# HTPC Parametric Eq?



## eridiorya (Sep 20, 2007)

I’m building my first HTPC and I am wondering is there software available for the computer to do parametric equalization for my subwoofer? I want the computer to do the parametric equalization instead of buying a separate BFD. I have a HT Omega Claro soundcard that I will be installing. In addition, I will be using Cyberlink Powerdvd for HD-DVD playback from my external Xbox 360 HD-DVD player.


----------



## eridiorya (Sep 20, 2007)

Oh, I forgot to mention that I will be running Windows Media Center 2005.


----------



## Otto (May 18, 2006)

Hi eridiorya and welcome to the Shack.

I'm not aware of any parametric EQ software for Windows (or Mac for that matter). If you're interested in equalizing bass, you might reconsider on the BFD -- it's an excellent tool!

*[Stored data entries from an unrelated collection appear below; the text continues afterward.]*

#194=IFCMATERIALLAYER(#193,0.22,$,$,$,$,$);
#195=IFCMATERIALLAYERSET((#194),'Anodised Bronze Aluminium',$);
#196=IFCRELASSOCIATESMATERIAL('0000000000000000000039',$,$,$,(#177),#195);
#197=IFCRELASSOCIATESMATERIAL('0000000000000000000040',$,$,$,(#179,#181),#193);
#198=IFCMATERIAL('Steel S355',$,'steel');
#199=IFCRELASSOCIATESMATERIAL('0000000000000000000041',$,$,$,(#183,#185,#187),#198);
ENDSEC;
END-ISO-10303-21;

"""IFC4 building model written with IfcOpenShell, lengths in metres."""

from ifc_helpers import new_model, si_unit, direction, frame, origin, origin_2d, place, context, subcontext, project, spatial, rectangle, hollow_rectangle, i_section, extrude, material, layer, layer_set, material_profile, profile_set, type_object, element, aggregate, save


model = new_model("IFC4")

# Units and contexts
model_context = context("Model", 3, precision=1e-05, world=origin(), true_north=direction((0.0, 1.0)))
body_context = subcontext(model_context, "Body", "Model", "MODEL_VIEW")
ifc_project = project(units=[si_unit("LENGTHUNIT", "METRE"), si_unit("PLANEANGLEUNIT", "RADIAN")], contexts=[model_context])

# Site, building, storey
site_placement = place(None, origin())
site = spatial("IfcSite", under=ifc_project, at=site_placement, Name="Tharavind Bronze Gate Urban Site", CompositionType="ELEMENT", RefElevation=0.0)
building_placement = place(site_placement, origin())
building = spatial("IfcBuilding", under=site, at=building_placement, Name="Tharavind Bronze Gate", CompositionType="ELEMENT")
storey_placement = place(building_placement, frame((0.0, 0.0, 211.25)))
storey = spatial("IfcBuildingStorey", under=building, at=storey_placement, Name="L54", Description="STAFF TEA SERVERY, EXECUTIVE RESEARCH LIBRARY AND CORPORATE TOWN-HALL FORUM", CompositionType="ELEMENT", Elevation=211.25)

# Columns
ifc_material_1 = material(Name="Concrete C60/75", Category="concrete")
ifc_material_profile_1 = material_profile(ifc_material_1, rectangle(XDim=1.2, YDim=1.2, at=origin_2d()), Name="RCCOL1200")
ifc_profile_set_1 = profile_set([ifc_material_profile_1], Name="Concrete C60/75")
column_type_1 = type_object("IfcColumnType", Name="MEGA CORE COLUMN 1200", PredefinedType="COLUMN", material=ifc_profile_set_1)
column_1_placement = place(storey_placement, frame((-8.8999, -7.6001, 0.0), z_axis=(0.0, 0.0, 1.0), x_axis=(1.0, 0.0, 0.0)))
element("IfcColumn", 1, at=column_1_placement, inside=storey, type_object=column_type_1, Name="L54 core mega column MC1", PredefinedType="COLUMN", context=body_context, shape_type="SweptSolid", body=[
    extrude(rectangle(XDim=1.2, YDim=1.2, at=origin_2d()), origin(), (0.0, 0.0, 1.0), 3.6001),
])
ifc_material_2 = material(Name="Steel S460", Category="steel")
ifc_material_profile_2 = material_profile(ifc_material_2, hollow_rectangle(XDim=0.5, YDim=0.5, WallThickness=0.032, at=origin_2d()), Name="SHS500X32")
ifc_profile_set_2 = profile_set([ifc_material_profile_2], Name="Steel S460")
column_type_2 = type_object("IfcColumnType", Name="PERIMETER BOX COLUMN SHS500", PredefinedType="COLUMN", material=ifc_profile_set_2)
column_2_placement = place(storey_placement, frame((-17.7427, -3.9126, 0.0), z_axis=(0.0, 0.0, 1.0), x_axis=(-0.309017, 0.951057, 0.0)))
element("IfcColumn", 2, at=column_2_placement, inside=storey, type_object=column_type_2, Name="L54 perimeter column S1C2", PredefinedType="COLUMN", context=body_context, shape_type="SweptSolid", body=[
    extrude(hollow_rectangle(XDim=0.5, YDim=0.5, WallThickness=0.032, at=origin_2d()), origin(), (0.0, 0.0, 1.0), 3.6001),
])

I also use Windows Media Center and PowerDVD with excellent results! (Well, for the most part -- Windows seems to be crashing a lot lately, but I'm not sure why). 

Good luck!


----------



## Sonnie (Apr 11, 2006)

I've never heard of or seen a peq for the computer... nor any kind of software version. With as many HTPCs out there... it might make for a good product to develop though.


----------



## bob1029 (Feb 26, 2007)

There is one option that you may want to consider...

You can use a program called Virtual Audio Cable. It basically installs a soundcard driver emulator on your computer as a new device. What you can do is send all of your audio sources to it as the output device instead of your actual sound card. Then you can use a program such as Console and throw in a peq plugin. Define the VAC as the source input and your soundcard as the output. Ive used it before and it seems to work ok. Im not sure how well you can do multichannel with it, but ive gotten it to work with 2 channel.

Virtual Audio Cable
Console
CurveEQ

The cool thing about console is that you can have independent EQ per channel, and any other plugins that you feel are necessary, such as phase and delay.

Ok i just checked, and with my setup it seems that only 2 channel mode is possible with Console. There are tons of vst hosts out there, so perhaps something like cubase would be up to the task.


----------



## eridiorya (Sep 20, 2007)

thanks for your responses...It seems the easiest thing to do is to purchase a bfd. I'll keep you posted on the development of my HTPC


----------